50 Jahre lang verübten Deutsche der Sekte „Colonia Dignidad“ im Süden Chiles Verbrechen gegen die Menschheit. Institutionen wie der Deutschen Botschaft und dem Auswärtigen waren die Straftaten bekannt, sie hüllten sich jedoch in Schweigen, hatten sogar enge Kontakte zu Mitgliedern. Wie konnte es dazu kommen?
von Elsa
Triggerwarnung: Dieser Text thematisiert Mord, Folter und sexualisierte Gewalt
„Ordentlich und sauber“. So beschreibt der deutsche Botschafter Erich Strätling im Jahre 1977 nach seinem Besuch den Zustand in der Colonia Dignidad, der „Kolonie der Würde“. Die UNO hatte die Colonia im vorherigen Jahr in einem Bericht als Folterstätte beschrieben. Amnesty International hat im selben Jahr eine Broschüre mit Vorwürfen der Menschenrechtsverletzungen veröffentlicht. Doch die deutsche Botschaft schaute weg und ließ sich lieber „Leberwurst und Brötchen von der Sekte schicken“, wie Eduardo Salvo, ein Opfer der Colonia, berichtete.
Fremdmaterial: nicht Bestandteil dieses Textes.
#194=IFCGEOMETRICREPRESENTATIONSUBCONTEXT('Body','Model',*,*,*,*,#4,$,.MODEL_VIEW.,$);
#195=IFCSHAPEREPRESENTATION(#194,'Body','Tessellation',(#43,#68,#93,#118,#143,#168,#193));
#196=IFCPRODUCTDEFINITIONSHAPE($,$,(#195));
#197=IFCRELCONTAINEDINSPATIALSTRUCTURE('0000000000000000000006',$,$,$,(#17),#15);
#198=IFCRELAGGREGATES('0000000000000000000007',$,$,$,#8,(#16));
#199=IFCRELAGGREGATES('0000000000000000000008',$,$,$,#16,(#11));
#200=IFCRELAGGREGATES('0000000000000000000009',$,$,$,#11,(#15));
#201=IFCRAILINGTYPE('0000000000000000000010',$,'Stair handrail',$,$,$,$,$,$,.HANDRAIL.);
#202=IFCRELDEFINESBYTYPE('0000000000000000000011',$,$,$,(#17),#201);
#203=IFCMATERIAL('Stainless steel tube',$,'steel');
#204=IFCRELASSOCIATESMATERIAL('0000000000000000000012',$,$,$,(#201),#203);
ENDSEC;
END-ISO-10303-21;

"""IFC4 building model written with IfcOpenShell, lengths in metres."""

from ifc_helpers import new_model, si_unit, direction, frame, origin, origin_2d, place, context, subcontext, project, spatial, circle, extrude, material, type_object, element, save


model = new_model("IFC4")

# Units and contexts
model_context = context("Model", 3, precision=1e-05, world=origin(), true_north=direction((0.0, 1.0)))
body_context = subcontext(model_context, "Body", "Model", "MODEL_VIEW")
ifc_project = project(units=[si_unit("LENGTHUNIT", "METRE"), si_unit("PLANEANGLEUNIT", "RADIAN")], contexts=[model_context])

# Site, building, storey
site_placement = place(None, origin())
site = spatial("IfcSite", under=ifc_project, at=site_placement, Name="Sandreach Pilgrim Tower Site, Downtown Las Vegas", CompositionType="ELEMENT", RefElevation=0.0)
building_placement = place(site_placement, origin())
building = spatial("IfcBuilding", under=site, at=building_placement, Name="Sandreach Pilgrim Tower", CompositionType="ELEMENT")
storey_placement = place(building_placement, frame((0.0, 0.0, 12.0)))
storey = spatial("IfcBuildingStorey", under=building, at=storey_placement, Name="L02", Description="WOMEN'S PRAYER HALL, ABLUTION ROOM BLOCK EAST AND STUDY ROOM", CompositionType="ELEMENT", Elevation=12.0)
1961 flieht Paul Schäfer nach Lateinamerika. Er muss die „Private Soziale Mission e.V.“, die er sich in der Nähe von Heide in Nordrhein-Westfalen aufgebaut hatte, verlassen. Er wird von der deutschen Regierung per Haftbefehl wegen zwei Fällen des sexuellen Missbrauchs gesucht. Im Süden Chiles findet der Prediger den Ort, an dem er die Sociedad Benefactora y Educacional Dignidad errichten wird. Auf 3000 Hektar Land, El Lavadero, 40 km per Schotterstraße vom nächsten Ort Parral entfernt, errichten seine Anhänger:innen, die neuen Kolonist:innen, die ihm nach Chile folgen, ein Dorf. Sie sind von der Nachkriegszeit enttäuscht und desorientiert, haben Angst vor der just gebauten Mauer. Sie glauben, in Paul Schäfer eine neue Leitfigur gefunden zu haben. Seine Neuinterpretation des Evangeliums predigt Gottgefälligkeit durch harte Arbeit und Keuschheit. Doch das Versprechen nach christlicher Reinheit wendet sich bald gegen die Kolonist:innen. Die Familien und Geschlechter werden getrennt, die Kinder von ‚Tanten‘ großgezogen. Privateigentum ist verboten. Dreh- und Angelpunkt ist die Person Paul Schäfer, der mithilfe von Manipulation, Demütigung, sexualisierter Gewalt und Bestrafungen psychischer und physischer Art ein System installiert, in dem ihm die Kolonist:innen hörig sind. Sie müssen bei ihm in der ‚Seelsorge‘ ihre ‚Sünden‘ beichten, überwachen sich gegenseitig und denunzieren die Fehltritte anderer. Folgsame werden belohnt, ‚Verräter‘ bestraft. Nach außen hin gibt sich die Colonia als deutsche Musterkolonie, die durch das Krankenhaus Hospital El Lavadero kostenlose Behandlungen, Essen, Trinken und Kleidung für chilenische Kinder der Umgebung anbietet. Einige davon werden unter dem Deckmantel der Adoption entführt und in die Kolonie eingegliedert. Ausgewählte Jungen begleiten Schäfer als ‚Sprinter‘ täglich, sie werden sexuell missbraucht. Die Kolonist:innen sind isoliert, sie dürfen die Sekte nicht mehr verlassen.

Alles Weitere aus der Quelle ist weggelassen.